Career Adventuring in Treasury: A What’s Neu Conversation
# People and Talent
A new What’s Neu video with Summa Simmons of Victoria’s Secret on building a people-first treasury career across industries.
Justin Jones
One thing I’ve noticed in my time at NeuGroup, across many meetings with treasury staff at all levels, in companies of all sizes and sectors, is how the careers of our members often follow anything but a straight line. Of course, some set out to become treasurers, but many stumble into the discipline through rotations, unexpected opportunities or leaders who recognize potential before they see it in themselves.
In the latest episode of the What’s Neu (pronounced “noy”) video series, I talk with Summa Simmons, an Associate Vice President in Global Treasury at Victoria’s Secret. Her path to treasury includes the unforeseen turns that lead many professionals to this corner of finance organizations. She is a self-described “career adventurer” with experience across financial services, healthcare and retail who brings a people-first, curiosity-driven lens to treasury.
Summa began her career in accounting: structured, rules-based, predictable. But a leader saw something that numbers alone couldn’t reveal: the ability to pair subject-matter proficiency with emotional intelligence.
“Treasury found me through a leader who saw how I balanced technical skills with people-savviness,” she says. “That blend of numbers and nuance is what pulled me in and kept me here.”
What stands out across our conversation is how much of her approach centers on people—how teams make decisions, how relationships shape outcomes and how curiosity keeps the work from ever feeling static.
People are also key to effective benchmarking, which Summa says is essential—a “million-dollar” resource—because it helps her compare approaches, test assumptions and bring fresh ideas back to her team. NeuGroup plays a vital role in the process.
“One of my sustainable strategies is to find the ‘me’ at peer companies: the person who understands the nuance of what I’m navigating, even if the organization or the industry looks different,” she says in the video. “NeuGroup makes that possible. It’s not just the connection, it’s the access.”

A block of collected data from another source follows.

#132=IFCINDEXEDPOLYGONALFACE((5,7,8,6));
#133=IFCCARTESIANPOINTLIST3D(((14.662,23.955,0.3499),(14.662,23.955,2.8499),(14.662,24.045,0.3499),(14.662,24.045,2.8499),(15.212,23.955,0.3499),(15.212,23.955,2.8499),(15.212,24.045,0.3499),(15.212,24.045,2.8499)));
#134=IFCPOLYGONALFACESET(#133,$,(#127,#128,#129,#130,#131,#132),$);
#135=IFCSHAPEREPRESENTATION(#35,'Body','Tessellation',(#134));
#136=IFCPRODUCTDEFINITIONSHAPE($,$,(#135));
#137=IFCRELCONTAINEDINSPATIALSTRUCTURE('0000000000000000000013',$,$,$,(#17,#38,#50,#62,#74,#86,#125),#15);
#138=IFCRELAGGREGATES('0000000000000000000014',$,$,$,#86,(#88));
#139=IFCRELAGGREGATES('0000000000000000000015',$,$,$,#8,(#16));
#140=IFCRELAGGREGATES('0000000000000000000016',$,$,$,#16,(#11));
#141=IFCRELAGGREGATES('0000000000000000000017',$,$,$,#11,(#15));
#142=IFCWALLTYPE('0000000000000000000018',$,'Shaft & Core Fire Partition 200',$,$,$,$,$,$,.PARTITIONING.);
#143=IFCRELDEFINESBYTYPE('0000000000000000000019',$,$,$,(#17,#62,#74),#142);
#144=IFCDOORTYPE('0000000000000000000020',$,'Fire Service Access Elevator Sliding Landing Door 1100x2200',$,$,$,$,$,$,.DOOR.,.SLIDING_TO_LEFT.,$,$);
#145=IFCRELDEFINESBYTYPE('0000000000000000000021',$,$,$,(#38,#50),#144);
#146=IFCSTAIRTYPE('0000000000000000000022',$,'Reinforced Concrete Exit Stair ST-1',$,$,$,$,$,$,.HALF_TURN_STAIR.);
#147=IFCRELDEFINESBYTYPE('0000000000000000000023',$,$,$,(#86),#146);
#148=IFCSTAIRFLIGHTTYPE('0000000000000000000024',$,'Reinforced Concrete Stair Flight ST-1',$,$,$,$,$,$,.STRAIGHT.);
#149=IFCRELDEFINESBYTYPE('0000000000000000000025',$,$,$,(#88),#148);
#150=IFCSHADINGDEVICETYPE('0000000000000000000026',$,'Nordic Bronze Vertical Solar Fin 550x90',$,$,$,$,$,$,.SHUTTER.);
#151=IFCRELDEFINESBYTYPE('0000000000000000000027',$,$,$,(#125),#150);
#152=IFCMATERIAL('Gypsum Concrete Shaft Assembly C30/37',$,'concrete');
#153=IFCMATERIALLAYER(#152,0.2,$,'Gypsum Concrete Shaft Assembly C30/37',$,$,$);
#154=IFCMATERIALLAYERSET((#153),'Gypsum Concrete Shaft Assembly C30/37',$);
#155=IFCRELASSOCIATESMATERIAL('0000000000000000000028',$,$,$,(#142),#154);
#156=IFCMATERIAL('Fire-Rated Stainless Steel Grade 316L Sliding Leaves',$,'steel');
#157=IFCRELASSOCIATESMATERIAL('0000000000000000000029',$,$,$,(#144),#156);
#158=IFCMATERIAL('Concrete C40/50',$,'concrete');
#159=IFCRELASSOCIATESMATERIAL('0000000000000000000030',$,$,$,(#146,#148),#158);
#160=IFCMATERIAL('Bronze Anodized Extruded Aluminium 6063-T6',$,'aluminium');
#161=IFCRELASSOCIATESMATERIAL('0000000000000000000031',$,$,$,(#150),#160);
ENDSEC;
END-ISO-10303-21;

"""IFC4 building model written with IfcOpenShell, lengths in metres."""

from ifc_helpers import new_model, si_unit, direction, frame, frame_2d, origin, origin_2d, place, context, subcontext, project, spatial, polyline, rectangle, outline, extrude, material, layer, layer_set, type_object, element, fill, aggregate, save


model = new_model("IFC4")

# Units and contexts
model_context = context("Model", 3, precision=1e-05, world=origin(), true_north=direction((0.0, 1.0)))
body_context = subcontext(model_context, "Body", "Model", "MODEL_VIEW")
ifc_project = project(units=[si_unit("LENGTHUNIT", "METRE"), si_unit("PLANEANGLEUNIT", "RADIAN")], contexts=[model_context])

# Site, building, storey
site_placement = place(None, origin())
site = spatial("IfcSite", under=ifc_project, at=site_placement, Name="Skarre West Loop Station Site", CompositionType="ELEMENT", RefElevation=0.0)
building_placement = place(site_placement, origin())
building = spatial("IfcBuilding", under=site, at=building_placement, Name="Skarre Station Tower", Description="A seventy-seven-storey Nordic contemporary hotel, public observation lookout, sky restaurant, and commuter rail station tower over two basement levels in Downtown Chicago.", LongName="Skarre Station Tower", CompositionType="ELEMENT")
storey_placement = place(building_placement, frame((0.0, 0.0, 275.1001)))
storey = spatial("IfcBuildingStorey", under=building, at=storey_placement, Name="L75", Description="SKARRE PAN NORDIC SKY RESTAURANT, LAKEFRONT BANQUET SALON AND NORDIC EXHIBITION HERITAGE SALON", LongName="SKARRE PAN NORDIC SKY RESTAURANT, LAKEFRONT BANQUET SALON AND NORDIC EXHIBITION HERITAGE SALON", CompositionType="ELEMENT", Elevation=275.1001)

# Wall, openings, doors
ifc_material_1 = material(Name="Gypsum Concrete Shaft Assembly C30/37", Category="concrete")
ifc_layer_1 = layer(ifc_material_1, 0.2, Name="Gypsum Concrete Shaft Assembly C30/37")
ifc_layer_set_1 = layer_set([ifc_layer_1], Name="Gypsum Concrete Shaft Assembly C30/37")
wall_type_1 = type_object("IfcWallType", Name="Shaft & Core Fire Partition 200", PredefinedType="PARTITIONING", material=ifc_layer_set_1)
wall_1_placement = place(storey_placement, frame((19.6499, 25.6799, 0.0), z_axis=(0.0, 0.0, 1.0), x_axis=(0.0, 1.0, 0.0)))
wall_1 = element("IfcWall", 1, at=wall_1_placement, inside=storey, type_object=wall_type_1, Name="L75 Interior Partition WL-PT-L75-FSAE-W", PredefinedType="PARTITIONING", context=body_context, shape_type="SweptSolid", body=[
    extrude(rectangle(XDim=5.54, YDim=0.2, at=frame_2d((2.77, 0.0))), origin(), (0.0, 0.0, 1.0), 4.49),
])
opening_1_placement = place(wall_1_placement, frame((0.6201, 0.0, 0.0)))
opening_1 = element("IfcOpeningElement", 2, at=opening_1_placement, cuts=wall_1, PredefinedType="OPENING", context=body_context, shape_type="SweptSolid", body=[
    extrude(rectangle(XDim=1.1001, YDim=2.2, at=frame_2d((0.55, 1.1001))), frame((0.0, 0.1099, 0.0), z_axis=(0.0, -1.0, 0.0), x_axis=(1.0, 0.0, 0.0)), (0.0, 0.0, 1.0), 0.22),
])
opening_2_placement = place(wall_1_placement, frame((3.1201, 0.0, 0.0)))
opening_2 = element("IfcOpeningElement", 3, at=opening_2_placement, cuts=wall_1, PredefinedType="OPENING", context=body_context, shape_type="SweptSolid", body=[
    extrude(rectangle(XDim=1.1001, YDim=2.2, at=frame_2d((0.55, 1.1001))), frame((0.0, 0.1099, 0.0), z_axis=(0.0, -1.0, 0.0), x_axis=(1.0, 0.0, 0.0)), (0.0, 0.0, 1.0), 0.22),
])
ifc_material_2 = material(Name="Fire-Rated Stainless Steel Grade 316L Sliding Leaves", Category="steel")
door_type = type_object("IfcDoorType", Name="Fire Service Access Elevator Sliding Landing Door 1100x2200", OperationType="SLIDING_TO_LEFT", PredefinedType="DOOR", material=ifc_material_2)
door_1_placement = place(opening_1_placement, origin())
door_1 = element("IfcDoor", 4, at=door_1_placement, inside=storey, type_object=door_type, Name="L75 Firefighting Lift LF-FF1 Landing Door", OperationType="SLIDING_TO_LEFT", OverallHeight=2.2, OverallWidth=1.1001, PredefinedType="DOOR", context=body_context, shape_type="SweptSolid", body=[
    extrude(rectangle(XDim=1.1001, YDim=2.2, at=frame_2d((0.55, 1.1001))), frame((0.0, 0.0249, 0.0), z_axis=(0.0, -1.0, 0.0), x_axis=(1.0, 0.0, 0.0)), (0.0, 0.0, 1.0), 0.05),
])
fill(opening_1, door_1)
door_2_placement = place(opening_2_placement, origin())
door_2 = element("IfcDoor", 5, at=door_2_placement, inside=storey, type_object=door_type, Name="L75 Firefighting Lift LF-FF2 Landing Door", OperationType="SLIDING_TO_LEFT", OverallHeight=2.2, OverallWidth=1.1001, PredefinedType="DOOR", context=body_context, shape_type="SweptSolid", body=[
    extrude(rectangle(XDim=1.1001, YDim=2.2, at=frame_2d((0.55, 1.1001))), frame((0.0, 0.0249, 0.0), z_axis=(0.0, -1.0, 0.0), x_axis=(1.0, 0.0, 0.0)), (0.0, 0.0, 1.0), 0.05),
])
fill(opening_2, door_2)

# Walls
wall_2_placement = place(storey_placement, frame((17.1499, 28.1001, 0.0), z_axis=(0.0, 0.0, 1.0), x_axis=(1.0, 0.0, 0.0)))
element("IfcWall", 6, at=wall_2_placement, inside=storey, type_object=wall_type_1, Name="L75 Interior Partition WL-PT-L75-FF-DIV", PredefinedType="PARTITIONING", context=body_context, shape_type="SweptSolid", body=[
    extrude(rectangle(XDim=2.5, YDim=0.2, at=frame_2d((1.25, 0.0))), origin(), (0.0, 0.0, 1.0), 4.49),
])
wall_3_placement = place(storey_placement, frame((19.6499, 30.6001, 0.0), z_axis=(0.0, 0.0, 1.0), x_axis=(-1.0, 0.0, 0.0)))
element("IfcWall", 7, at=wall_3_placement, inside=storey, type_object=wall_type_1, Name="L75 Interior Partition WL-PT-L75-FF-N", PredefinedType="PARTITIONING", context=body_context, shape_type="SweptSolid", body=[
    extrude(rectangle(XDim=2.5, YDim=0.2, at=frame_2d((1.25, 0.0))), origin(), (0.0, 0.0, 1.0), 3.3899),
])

We end our exchange on a lighter note, discussing Summa’s favorite food cities in America. As a proud New Yorker, well-travelled across the country, she puts NYC at the top of her list. (You’ll have to watch the video for her other picks.) Of the Big Apple food scene, she says, “You can get just about anything, authentically, at every price point,” a reminder that her love of discovery—and numbers—extends well beyond the office.